Dei i7 ist für Spiele nicht merkbar besser, daher lohnt es sich nicht. Und insgesamt ist Alienware was die reine Preis-Leistung angeht an sich zu teuer - guck mal hier: Gamer-PCs ab 500 Euro - 5 Rechner für die kommenden Spiele-Blockbuster   der PC für 700€ ist von der Leistung her genauso gut wie der Alienware. Der Alienware hat zwar Windows, eine Maus+Tastatur dabei, aber das macht vlt. maximal 120-130€ aus. Win7 extra kostet ca 80€ als Systembuilderversion. 

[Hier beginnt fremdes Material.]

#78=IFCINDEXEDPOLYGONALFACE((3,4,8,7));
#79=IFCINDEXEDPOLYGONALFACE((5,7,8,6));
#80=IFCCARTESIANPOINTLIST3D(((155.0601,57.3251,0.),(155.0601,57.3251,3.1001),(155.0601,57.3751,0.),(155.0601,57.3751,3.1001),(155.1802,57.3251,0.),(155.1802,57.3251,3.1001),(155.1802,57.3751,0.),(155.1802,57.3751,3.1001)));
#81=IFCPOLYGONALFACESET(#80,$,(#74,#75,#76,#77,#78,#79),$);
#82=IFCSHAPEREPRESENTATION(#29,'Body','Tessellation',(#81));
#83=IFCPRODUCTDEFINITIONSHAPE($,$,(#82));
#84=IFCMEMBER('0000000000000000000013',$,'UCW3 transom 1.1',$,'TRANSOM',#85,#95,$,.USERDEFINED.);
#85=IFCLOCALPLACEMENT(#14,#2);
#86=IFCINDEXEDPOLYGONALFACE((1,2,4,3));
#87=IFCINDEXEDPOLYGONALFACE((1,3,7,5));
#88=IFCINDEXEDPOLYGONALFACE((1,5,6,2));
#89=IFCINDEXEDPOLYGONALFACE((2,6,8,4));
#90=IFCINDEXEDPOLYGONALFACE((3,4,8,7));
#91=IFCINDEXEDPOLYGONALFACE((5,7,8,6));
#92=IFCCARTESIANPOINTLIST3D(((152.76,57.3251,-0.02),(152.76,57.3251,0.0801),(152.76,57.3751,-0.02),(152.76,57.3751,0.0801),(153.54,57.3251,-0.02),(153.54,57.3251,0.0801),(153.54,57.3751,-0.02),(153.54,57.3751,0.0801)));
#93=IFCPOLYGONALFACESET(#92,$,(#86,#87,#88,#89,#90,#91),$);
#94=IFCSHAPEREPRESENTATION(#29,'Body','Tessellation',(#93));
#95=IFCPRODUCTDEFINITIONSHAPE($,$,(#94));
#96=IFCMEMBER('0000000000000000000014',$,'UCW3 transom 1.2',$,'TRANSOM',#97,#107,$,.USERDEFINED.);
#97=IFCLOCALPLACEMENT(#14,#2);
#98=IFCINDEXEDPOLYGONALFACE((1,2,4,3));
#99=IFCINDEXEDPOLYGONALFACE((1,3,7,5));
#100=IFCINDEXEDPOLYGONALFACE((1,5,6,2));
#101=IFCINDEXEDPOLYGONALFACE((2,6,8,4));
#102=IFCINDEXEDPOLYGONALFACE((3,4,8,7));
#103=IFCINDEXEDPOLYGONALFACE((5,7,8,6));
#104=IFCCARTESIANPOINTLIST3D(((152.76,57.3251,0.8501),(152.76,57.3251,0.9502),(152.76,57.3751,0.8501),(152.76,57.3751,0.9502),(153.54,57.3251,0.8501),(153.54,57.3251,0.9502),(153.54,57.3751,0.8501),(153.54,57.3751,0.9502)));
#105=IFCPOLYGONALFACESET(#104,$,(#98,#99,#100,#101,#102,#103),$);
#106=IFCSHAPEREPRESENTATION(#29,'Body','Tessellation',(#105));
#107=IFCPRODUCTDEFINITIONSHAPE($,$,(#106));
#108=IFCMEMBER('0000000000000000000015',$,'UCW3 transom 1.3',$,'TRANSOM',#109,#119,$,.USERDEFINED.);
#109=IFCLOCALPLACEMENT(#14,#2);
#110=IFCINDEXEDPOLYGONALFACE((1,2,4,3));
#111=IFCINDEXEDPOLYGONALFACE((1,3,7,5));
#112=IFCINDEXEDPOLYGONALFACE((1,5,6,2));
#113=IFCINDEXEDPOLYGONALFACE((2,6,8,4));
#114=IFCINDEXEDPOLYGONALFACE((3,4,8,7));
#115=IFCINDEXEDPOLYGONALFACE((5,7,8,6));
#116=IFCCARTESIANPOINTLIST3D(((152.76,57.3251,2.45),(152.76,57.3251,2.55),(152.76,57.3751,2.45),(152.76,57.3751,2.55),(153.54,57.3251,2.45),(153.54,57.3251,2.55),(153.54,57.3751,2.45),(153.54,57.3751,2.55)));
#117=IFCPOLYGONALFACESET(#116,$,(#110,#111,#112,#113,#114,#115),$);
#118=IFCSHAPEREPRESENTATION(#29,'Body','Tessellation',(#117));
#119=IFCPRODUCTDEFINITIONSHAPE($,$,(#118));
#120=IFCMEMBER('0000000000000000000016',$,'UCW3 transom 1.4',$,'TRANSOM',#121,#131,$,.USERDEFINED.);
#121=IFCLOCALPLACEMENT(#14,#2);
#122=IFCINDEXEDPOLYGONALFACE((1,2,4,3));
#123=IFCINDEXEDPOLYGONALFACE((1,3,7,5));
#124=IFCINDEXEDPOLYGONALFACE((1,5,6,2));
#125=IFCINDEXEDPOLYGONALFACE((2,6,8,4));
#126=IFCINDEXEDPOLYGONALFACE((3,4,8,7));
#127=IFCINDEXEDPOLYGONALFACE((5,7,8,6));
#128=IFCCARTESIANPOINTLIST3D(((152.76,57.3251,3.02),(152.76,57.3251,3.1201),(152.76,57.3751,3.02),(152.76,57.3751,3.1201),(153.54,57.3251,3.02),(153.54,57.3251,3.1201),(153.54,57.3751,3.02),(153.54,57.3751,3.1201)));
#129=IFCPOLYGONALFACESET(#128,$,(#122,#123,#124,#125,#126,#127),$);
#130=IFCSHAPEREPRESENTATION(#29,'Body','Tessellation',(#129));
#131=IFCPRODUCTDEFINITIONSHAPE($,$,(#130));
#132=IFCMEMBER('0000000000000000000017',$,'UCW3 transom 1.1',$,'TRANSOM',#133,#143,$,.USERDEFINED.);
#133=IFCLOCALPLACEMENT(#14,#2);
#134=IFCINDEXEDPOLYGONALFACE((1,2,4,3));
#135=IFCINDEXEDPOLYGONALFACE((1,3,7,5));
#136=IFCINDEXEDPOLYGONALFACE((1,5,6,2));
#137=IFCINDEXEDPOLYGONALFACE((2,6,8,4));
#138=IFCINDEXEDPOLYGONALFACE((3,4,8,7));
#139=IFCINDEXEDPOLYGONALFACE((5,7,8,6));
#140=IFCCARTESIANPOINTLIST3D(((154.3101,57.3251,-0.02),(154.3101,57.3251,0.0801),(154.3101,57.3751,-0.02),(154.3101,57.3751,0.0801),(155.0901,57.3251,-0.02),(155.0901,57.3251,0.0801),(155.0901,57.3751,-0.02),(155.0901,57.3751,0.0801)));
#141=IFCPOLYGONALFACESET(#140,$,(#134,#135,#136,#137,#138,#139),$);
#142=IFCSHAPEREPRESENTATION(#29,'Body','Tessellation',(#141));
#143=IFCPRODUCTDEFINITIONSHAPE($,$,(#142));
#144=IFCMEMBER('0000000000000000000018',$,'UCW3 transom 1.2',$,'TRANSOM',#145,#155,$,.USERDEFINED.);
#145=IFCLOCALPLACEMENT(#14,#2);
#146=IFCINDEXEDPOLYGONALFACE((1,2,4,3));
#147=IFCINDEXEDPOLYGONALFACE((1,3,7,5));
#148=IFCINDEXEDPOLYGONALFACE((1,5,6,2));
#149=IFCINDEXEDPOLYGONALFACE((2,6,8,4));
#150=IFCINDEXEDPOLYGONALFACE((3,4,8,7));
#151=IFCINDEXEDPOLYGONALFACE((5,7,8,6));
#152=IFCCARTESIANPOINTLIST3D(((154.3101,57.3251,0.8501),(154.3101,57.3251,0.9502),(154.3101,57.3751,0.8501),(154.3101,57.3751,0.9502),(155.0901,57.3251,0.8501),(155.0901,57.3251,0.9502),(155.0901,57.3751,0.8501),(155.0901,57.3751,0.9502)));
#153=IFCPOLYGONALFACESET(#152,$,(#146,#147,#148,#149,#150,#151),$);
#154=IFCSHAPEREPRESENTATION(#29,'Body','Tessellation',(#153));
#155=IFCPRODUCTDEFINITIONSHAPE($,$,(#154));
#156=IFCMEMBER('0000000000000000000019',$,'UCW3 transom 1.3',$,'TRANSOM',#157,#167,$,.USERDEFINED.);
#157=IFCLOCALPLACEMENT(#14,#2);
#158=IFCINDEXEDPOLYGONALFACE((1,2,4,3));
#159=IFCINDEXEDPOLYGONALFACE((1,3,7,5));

Und wenn Du die Karte aus dem 900€-PC aus dem Artikel da einbaust, die ca 80€ mehr kostet, hast im Grunde die Leistung wie beim 900€-PC und eine deutlichere Steigerung.

Dafür ist Alienware halt "was besonderes", und Du zahlst auch den Service ein wenig mit. Musst Du selber abschätzen, ob es Dir das wert ist


----------



## Enisra (15. September 2012)

also wenn du nicht zwei Linke Hände hast und etwas Ahnung von PCs würde ich mir meinen eh selbst zusammenstellen
Und wenn es Platzsparend sein soll, kein Ding, es gibt auch Mini-Gehäuse in den verschiedensten Formen, auch wenn man sich vorher etwas informieren muss, bezüglich der Abmessungen, aber man kommt auf jedenfall auf einen Guten Stundenlohn wenn man die Einsparungen betrachtet


----------



## lilcrown (19. September 2012)

Vielen Dank für die Antworten! Hab meinen Alienware direkt storniert und stell mir jetzt selbst einen Pc zusammen


----------